I've had interests similar to yours in finding 2nd roots and awhile back implemented some well-known algorithm. I'm not revisiting the details tonight, although I did tweak the code for the latest Python for testing purposes.
Here's the older version: http://4dsolutions.net/ocn/python/roots.py
For root(10) it gives me 316227766016837933199889354443 in 30 iterations, I notice without using a decimal point. I'm pretty sure I'm implementing this one: http://xlinux.nist.gov/dads/HTML/squareRoot.html
> This method is in a mid-nineteenth century mathematics text I came across in Google Books. > > Another method that was not taught in my student days is polynomial division. Newton was familiar with the method, and uses it to expand an expression into an infinite series. I used it recently to derive a formula for the difference between two variables, each raised to the nth power, where n is an integer.

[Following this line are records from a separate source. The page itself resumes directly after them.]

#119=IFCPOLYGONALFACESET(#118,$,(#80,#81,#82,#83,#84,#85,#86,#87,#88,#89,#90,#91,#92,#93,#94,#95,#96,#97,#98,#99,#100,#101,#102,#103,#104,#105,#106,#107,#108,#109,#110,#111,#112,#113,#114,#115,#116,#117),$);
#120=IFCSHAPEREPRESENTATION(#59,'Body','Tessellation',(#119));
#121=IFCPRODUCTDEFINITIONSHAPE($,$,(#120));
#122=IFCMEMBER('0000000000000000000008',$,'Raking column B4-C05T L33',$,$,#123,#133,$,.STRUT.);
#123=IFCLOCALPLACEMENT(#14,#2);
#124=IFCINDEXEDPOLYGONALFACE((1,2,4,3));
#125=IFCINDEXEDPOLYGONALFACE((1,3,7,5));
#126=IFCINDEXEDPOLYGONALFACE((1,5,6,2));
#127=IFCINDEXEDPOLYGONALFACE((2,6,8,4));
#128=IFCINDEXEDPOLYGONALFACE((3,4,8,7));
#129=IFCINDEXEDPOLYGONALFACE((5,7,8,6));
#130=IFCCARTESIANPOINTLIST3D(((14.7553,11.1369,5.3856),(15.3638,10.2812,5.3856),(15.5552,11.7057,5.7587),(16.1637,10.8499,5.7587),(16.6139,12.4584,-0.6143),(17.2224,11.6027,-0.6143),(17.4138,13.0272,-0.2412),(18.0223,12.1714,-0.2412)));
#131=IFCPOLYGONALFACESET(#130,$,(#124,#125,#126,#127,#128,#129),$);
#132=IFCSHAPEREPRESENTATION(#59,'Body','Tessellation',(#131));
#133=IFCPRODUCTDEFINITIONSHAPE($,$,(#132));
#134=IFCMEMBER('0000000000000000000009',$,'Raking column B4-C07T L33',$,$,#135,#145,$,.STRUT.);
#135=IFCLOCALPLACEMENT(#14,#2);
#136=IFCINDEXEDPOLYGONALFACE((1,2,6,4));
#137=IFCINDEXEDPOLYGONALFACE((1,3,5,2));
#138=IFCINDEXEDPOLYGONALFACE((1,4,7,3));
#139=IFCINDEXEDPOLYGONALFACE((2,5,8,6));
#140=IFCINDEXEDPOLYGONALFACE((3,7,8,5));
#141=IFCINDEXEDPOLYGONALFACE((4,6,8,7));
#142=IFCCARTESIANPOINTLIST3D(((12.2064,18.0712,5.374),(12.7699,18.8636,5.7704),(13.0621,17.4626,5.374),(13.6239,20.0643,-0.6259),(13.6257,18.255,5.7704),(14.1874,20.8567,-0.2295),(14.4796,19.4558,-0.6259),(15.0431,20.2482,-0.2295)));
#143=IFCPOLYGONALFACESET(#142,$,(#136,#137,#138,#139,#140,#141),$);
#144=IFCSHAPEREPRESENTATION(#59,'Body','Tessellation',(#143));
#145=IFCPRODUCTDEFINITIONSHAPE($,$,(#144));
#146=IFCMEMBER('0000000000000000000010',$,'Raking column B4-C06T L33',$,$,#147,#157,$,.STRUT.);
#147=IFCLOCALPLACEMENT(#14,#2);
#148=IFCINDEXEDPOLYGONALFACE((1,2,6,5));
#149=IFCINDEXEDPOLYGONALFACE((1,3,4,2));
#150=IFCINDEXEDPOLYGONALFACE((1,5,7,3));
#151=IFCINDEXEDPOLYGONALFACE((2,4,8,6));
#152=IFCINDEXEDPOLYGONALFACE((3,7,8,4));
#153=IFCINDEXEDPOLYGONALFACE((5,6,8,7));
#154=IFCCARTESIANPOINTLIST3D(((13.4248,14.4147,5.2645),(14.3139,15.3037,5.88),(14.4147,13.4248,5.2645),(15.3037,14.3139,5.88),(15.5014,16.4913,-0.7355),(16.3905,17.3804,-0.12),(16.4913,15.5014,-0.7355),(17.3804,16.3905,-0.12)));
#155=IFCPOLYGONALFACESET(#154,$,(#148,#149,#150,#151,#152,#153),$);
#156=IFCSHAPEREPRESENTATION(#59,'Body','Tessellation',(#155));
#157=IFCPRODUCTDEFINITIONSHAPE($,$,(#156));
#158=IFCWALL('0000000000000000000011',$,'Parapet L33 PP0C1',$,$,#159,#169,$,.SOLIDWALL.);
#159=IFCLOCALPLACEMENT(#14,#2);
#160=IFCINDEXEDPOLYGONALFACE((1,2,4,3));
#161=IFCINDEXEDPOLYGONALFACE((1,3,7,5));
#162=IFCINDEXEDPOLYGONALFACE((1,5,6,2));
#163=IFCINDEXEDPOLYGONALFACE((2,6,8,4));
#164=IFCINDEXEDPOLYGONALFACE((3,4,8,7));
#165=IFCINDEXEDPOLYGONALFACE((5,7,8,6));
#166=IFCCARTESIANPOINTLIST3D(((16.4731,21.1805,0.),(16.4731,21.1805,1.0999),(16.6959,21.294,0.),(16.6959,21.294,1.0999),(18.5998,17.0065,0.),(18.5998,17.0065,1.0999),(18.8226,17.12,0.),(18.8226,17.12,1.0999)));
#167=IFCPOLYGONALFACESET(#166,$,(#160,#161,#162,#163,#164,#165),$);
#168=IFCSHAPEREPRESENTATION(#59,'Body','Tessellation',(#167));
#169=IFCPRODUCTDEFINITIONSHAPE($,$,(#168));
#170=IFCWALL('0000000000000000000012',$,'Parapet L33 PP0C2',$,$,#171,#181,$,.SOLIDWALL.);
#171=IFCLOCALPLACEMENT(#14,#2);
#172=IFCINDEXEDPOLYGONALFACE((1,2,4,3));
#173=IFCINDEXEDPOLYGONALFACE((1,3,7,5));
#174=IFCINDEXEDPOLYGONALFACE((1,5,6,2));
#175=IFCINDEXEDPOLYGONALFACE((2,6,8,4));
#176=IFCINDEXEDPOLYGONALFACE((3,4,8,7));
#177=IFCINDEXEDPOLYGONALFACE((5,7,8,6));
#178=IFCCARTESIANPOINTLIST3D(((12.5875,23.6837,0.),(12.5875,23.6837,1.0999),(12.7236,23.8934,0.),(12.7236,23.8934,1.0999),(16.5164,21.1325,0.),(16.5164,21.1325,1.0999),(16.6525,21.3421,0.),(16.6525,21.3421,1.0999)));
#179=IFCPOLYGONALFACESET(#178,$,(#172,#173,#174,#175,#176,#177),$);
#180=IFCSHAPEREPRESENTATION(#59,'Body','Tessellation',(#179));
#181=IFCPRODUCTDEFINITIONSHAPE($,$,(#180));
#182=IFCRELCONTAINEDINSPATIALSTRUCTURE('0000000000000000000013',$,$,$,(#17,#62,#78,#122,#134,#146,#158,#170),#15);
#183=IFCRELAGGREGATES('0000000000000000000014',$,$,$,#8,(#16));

The answer is something like a^n - b^n = (a - b)[a^(n-1)b + a^(n-2)b^2....+ ab^(n-2) + b^(n-1)].
I've done some work with continued fractions as well. Example:
http://4dsolutions.net/ocn/python/mathteach.py
When I was little, there were no affordable computers, not even scientific calculators for individuals (those came out around the time I was in high school).
Then came the PC revolution, then the Open Source revolution.
Yet so many are still stuck using those scientific calculators, as if the technology froze in 1970 or whatever. STEM is changing that.